The word observe above wasn't an accident - in addition to building your infrastructure via IaC, you should consider observability to be an MVP feature. Logging, metrics and traceability are essential when you're trying to debug an anomolous behavior. Using an APM (New Relic, Datadog, etc) is probably a time-saving move as there are pre-defined dashboards for many types of workloads.
Having IaC provides another benefit that can't be understated - it enables test instances of your application to be created and destroyed easily which means that for a few tens of dollars, you can run load tests on infrastructure that exactly matches production. There are even tools that can record network traffic on your production system and replay these requests on your test network. Make sure you've got realistic data to prepopulate the system when it's created ... and for your wallet's sake, don't forget to automate the destruction of these resources when the test has completed.

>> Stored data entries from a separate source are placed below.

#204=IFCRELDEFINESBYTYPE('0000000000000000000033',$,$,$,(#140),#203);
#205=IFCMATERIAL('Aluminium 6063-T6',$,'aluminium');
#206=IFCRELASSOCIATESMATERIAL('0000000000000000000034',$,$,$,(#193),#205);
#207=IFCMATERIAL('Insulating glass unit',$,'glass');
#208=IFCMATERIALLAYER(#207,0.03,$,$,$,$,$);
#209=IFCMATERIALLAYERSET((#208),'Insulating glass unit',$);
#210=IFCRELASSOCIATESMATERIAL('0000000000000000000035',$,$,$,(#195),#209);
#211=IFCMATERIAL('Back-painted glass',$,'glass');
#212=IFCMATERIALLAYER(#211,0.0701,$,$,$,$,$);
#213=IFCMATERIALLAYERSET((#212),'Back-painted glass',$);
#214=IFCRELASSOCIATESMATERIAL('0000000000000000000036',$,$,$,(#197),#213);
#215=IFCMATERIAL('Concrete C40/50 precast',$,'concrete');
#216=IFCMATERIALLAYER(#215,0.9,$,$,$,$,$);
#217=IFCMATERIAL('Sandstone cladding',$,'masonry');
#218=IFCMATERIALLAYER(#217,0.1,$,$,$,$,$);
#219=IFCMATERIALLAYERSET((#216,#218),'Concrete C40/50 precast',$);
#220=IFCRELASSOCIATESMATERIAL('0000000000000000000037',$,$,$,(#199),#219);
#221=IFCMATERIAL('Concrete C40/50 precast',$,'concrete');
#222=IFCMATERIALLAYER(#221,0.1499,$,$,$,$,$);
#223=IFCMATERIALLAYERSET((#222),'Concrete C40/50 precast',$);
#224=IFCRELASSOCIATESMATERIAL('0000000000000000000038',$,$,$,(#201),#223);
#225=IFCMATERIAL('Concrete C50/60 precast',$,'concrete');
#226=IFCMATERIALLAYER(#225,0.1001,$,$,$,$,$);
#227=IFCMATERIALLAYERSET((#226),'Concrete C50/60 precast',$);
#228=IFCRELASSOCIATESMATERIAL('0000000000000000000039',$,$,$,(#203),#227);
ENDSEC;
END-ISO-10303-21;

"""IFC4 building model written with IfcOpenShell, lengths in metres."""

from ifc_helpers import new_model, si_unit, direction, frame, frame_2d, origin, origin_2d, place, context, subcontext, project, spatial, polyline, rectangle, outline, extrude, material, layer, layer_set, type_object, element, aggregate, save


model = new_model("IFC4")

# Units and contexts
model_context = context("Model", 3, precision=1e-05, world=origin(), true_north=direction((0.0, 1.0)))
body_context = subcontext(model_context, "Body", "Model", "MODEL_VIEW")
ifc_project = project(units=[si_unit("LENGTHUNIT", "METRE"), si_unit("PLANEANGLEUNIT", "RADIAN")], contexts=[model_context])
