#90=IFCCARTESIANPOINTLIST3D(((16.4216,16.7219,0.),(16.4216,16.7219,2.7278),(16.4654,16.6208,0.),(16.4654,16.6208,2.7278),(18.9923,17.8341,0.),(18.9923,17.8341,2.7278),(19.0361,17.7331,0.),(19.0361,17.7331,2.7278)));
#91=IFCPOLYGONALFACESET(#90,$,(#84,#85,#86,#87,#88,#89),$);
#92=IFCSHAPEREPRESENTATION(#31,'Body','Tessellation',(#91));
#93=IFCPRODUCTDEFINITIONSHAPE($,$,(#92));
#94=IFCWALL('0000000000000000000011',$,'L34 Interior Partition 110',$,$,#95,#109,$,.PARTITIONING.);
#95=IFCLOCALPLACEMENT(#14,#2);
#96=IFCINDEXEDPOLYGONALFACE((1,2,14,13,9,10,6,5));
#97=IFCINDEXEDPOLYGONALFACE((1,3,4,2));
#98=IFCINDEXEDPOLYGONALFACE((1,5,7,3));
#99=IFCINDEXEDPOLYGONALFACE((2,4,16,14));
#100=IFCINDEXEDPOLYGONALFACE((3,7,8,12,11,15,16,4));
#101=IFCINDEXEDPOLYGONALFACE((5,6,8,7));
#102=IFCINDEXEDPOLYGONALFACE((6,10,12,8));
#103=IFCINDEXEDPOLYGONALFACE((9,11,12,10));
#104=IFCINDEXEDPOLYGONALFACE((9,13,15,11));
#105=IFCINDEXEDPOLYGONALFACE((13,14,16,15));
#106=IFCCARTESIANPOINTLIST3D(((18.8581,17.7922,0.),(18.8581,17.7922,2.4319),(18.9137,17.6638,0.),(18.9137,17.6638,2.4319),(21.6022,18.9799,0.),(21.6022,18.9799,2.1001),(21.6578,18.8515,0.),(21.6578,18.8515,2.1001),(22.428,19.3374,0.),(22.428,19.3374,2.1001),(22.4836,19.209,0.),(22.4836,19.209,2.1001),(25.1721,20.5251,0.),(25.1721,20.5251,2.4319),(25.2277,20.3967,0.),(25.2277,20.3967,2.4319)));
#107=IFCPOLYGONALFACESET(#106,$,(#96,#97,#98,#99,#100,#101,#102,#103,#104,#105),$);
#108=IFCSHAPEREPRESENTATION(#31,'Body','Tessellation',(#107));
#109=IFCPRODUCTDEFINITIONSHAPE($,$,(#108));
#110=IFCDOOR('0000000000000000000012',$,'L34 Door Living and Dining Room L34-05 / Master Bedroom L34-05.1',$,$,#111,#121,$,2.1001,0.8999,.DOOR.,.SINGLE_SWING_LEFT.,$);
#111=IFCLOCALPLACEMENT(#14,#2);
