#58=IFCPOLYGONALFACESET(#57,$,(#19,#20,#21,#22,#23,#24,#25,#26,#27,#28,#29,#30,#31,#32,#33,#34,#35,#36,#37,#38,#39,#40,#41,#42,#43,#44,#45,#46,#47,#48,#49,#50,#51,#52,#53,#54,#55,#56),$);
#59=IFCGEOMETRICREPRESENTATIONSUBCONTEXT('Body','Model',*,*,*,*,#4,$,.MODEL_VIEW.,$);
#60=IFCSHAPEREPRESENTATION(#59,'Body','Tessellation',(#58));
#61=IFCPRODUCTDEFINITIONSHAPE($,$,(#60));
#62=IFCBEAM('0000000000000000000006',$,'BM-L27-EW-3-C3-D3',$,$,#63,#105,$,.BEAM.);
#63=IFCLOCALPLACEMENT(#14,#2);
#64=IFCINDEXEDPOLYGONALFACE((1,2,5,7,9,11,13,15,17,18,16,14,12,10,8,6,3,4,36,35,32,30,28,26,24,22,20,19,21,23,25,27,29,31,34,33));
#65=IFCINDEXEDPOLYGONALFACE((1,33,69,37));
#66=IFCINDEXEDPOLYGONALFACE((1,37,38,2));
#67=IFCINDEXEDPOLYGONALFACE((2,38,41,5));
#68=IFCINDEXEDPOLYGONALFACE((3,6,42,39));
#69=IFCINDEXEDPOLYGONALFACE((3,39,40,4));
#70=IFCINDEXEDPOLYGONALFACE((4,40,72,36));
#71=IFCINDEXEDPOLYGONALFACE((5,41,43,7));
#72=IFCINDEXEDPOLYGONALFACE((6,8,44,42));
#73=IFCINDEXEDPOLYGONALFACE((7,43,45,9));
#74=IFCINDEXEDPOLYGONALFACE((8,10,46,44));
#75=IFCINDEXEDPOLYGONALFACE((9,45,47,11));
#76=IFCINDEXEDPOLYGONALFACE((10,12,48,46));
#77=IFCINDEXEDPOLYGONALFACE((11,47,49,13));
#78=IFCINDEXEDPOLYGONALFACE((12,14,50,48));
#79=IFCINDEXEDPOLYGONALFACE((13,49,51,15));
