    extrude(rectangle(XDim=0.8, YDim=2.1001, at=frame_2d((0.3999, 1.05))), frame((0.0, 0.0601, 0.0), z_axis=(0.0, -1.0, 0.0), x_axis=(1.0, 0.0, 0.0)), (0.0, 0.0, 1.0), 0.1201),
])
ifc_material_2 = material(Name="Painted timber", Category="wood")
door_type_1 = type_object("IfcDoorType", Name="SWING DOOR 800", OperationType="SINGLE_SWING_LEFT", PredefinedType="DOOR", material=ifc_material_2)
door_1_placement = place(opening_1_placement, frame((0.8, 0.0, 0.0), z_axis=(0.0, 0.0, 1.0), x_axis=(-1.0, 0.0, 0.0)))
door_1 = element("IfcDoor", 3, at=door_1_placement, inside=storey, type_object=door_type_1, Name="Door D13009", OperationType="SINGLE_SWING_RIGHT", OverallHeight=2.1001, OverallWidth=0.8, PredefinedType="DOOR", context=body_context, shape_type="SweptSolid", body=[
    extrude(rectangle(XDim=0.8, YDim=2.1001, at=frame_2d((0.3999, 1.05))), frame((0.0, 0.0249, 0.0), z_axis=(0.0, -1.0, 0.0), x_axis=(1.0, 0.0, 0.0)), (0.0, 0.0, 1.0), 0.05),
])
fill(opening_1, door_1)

Chaos testing (Netflix's Simian Army, etc) is a great way to find edge-cases without waiting for them to show up on your production system. If you're focused on resilience, this is a great way to exercise failure states. I like to think of it as fuzz testing for systems.
If you define you're infra as Terraform, which I would generally encourage - you can use terratest[0] as a test framework for the infrastructure itself.
I've come to really prefer managing infrastucture as a github repo full of terraform this way.
The type of test determines what the best way to perform it is.